What made us human? What helped to differentiate us from the rest of the animal kingdom? Anthropologists long have theorized that man truly began to change when he started eating meat, when he became a hunter. Yet that might not be an adequate explanation. It might not have been sufficient to truly transform man. What might have assisted the matter is "cooking."

This intriguing theory is outlined in Catching Fire: How Cooking Made Us Human by Richard Wrangham (Basic Books, May 2009, $26.95). Wrangham is the Ruth Moore Professor of Biological Anthropology at Harvard University and Curator of Primate Behavioral Biology at the Peabody Museum. So he is a local author. This hard cover book has 207 pages of text and over 40 pages of notes.

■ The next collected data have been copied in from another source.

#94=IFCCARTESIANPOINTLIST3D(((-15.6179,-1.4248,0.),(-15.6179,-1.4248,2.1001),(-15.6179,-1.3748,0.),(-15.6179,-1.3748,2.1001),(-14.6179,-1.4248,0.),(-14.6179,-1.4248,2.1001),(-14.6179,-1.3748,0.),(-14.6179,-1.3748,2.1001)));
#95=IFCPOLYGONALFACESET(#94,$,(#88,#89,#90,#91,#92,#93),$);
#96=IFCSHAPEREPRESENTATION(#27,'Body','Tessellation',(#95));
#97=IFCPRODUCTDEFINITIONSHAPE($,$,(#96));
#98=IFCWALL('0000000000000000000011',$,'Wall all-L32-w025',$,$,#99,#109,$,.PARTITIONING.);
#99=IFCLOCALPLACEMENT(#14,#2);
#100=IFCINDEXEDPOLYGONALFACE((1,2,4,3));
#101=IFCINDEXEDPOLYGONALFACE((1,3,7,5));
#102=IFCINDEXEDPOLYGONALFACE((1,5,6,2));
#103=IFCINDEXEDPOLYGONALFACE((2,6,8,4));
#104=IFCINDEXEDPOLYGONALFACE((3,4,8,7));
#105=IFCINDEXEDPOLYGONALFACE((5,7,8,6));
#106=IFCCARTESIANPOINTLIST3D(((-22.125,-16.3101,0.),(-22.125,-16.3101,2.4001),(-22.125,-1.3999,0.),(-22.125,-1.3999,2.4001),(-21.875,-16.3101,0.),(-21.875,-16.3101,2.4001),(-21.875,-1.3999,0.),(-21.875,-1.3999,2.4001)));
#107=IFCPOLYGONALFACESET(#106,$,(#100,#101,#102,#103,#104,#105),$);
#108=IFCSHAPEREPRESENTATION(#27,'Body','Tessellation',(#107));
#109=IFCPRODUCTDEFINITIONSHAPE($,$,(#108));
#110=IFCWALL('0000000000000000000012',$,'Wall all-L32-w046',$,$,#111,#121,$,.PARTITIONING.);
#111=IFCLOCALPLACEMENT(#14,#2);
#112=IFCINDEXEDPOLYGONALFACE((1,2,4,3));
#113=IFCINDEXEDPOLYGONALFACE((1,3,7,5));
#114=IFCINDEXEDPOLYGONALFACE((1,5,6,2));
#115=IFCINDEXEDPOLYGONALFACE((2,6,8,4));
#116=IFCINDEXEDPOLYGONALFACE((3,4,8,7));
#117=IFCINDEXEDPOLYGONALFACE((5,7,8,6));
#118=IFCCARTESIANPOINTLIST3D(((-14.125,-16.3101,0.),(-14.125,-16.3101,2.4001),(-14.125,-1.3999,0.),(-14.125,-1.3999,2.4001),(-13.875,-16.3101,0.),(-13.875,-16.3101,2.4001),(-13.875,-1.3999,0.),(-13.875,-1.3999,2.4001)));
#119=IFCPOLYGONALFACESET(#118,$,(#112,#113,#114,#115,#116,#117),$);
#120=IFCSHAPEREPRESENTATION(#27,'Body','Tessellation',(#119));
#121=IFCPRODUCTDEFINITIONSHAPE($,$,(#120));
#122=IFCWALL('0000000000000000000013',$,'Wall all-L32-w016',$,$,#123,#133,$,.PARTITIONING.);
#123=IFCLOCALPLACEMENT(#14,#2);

One of the chapters which most interested me was the first chapter, dealing with a comparison of raw food versus cooked food. There has been a raw food movement, extolling its virtues, though it does not appear to have caught on that much locally. This chapter though extolls the virtues of cooked food, pointing out the problems of raw food, countering some of the commonly cited advantages of raw food. I did not know that even animals grow faster when they eat cooked food.

Wrangham has written a compelling and fascinating case for his theory. Though well written, the book sometimes tends to get a little academic for a general reader, though very appropriate for the subject matter. It is thus not a book for a casual reader but if the subject matter intrigues you, then you'll find much of interest in it.